What are you watching your 3D on, by the way?


----------



## chashint (Jan 12, 2011)

The last Harry Potter is available in 3d.
We did not purchase until the price went down so we did not watch the movie over in 3d....we did skip around and watch a few scenes though and the 3d is very well done.
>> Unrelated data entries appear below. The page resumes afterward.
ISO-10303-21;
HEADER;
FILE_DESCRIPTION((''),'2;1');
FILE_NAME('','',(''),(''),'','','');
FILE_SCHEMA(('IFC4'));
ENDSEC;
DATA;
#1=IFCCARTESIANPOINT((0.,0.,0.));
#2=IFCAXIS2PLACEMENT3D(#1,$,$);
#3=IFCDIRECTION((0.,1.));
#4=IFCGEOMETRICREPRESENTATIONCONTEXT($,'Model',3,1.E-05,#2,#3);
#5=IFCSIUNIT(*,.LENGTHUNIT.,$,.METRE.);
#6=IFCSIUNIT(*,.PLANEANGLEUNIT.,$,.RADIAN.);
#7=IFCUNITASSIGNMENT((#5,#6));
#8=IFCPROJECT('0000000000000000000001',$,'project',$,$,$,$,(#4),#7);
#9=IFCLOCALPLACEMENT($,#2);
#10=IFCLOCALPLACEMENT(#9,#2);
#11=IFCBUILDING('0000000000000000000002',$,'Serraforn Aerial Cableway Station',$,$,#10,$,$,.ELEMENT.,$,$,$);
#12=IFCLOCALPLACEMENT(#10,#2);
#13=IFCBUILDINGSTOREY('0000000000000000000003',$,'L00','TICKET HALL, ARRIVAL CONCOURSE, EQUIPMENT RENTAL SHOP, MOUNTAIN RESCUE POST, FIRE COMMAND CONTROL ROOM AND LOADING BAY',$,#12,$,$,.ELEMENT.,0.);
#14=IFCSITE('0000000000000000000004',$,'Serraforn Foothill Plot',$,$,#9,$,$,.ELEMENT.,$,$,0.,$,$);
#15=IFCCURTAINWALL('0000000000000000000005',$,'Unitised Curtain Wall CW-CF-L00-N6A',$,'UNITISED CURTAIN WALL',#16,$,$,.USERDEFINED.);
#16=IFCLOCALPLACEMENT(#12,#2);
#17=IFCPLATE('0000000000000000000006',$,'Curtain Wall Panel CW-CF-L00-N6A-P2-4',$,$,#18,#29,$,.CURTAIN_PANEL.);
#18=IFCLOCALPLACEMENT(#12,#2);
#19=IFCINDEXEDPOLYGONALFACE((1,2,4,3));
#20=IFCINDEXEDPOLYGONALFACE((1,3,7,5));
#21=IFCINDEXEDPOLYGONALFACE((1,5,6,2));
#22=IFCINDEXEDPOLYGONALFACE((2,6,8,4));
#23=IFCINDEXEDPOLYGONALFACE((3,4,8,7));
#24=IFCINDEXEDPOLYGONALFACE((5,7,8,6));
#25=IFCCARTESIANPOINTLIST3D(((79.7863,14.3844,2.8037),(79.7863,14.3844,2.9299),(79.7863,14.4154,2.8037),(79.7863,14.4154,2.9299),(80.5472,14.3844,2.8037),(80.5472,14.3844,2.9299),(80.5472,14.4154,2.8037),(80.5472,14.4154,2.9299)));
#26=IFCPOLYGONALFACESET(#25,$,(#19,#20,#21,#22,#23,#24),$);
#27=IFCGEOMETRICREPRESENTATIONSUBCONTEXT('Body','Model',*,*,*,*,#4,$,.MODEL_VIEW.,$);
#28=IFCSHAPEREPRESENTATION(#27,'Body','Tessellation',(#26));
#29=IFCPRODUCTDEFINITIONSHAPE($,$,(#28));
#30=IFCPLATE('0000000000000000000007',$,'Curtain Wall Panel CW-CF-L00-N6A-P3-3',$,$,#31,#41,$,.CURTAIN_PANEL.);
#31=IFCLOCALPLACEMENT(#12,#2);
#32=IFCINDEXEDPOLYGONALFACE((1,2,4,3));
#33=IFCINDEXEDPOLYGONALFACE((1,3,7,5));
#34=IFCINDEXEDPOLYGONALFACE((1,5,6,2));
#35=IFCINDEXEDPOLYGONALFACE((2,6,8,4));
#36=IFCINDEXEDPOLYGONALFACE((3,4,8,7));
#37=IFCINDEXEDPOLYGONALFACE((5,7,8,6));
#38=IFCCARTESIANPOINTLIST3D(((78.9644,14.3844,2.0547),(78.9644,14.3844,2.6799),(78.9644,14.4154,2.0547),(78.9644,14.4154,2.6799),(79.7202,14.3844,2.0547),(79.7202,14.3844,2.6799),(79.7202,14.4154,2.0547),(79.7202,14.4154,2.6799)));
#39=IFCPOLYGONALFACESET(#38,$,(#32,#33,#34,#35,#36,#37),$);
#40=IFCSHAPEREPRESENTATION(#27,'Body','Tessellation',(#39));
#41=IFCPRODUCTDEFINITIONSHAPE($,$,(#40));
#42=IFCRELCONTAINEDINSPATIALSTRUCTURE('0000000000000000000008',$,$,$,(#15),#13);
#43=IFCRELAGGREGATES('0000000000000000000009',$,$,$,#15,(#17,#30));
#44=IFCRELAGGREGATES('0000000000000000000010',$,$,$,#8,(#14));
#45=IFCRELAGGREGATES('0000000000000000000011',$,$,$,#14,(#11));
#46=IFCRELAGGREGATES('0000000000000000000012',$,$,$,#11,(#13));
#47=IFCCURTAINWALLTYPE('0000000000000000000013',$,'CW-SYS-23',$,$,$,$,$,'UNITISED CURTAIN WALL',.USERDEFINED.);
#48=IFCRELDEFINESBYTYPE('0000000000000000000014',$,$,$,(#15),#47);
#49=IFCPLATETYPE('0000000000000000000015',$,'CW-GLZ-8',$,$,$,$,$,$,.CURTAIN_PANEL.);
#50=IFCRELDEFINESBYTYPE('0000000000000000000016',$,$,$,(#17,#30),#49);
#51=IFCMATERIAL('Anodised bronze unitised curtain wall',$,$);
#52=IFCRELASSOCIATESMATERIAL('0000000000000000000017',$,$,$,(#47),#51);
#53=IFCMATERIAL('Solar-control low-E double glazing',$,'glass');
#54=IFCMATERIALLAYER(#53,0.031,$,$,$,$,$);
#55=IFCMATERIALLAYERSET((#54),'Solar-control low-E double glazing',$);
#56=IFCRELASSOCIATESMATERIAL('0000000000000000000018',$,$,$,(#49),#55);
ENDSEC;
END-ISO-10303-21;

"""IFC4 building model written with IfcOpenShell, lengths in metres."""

from ifc_helpers import new_model, si_unit, direction, frame, origin, origin_2d, place, context, subcontext, project, spatial, rectangle, extrude, material, layer, layer_set, type_object, element, aggregate, save


model = new_model("IFC4")

# Units and contexts
model_context = context("Model", 3, precision=1e-05, world=origin(), true_north=direction((0.0, 1.0)))
body_context = subcontext(model_context, "Body", "Model", "MODEL_VIEW")
ifc_project = project(units=[si_unit("LENGTHUNIT", "METRE"), si_unit("PLANEANGLEUNIT", "RADIAN")], contexts=[model_context])

# Site, building, storey
site_placement = place(None, origin())
site = spatial("IfcSite", under=ifc_project, at=site_placement, Name="Serraforn Foothill Plot", CompositionType="ELEMENT", RefElevation=0.0)
building_placement = place(site_placement, origin())
building = spatial("IfcBuilding", under=site, at=building_placement, Name="Serraforn Aerial Cableway Station", CompositionType="ELEMENT")
storey_placement = place(building_placement, origin())
storey = spatial("IfcBuildingStorey", under=building, at=storey_placement, Name="L00", Description="TICKET HALL, ARRIVAL CONCOURSE, EQUIPMENT RENTAL SHOP, MOUNTAIN RESCUE POST, FIRE COMMAND CONTROL ROOM AND LOADING BAY", CompositionType="ELEMENT", Elevation=0.0)

# Curtain wall, plates
ifc_material_1 = material(Name="Anodised bronze unitised curtain wall")
curtain_wall_type = type_object("IfcCurtainWallType", Name="CW-SYS-23", ElementType="UNITISED CURTAIN WALL", PredefinedType="USERDEFINED", material=ifc_material_1)
curtain_wall_placement = place(storey_placement, origin())
curtain_wall = element("IfcCurtainWall", 1, at=curtain_wall_placement, inside=storey, type_object=curtain_wall_type, Name="Unitised Curtain Wall CW-CF-L00-N6A", ObjectType="UNITISED CURTAIN WALL", PredefinedType="USERDEFINED")
ifc_material_2 = material(Name="Solar-control low-E double glazing", Category="glass")
ifc_layer_1 = layer(ifc_material_2, 0.031)
ifc_layer_set_1 = layer_set([ifc_layer_1], Name="Solar-control low-E double glazing")
plate_type_1 = type_object("IfcPlateType", Name="CW-GLZ-8", PredefinedType="CURTAIN_PANEL", material=ifc_layer_set_1)
plate_1_placement = place(storey_placement, frame((80.1667, 14.3999, 2.8037), z_axis=(0.0, 0.0, 1.0), x_axis=(1.0, 0.0, 0.0)))
plate_1 = element("IfcPlate", 2, at=plate_1_placement, type_object=plate_type_1, Name="Curtain Wall Panel CW-CF-L00-N6A-P2-4", PredefinedType="CURTAIN_PANEL", context=body_context, shape_type="SweptSolid", body=[
    extrude(rectangle(XDim=0.761, YDim=0.031, at=origin_2d()), origin(), (0.0, 0.0, 1.0), 0.1262),
])
plate_2_placement = place(storey_placement, frame((79.3423, 14.3999, 2.0547), z_axis=(0.0, 0.0, 1.0), x_axis=(1.0, 0.0, 0.0)))
plate_2 = element("IfcPlate", 3, at=plate_2_placement, type_object=plate_type_1, Name="Curtain Wall Panel CW-CF-L00-N6A-P3-3", PredefinedType="CURTAIN_PANEL", context=body_context, shape_type="SweptSolid", body=[
    extrude(rectangle(XDim=0.7559, YDim=0.031, at=origin_2d()), origin(), (0.0, 0.0, 1.0), 0.6252),
])
aggregate(curtain_wall, [plate_1, plate_2])

save(model, "model.ifc")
If you have a Samsung TV one of the media hub thingies is for 3d....we enjoyed looking through some of that content.


----------



## NBPk402 (Feb 21, 2012)

I have the BenQ W1070.


----------



## WooferHound (Dec 8, 2010)

I really enjoyed Oz The Great And Powerful in 3D . . .


----------



## Picture_Shooter (Dec 23, 2007)

Check out Dredd in 3d


----------



## phillihp23 (Mar 14, 2012)

I thought Resident Evil Afterlife in 3D had some awesome visuals. Especially when the large beast swings his blade axe and it comes through the screen at you, or when the coins are shot from the shotgun.


----------



## jbgene (Aug 24, 2013)

Drive Angry, Not the best movie but the 3d effects are exellent.


----------



## pddufrene (Mar 14, 2013)

Definitely Avatar! I don't hava a 3D tv yet, but watch them at the local IMAX and by far it was the best I've seen. Hope you enjoy


----------



## |Tch0rT| (May 2, 2013)

A few that I like:

The Avengers (not shot in 3D but works well enough)
Prometheus
Brave
Wreck It Ralph

While not a movie IMAX Under the Sea has some of the best pop out in the Potato Cod scene. I've heard A Turtle's Tale: Sammy's Adventures 3D has a lot of pop out but I haven't watched it yet despite owning it on VUDU.


----------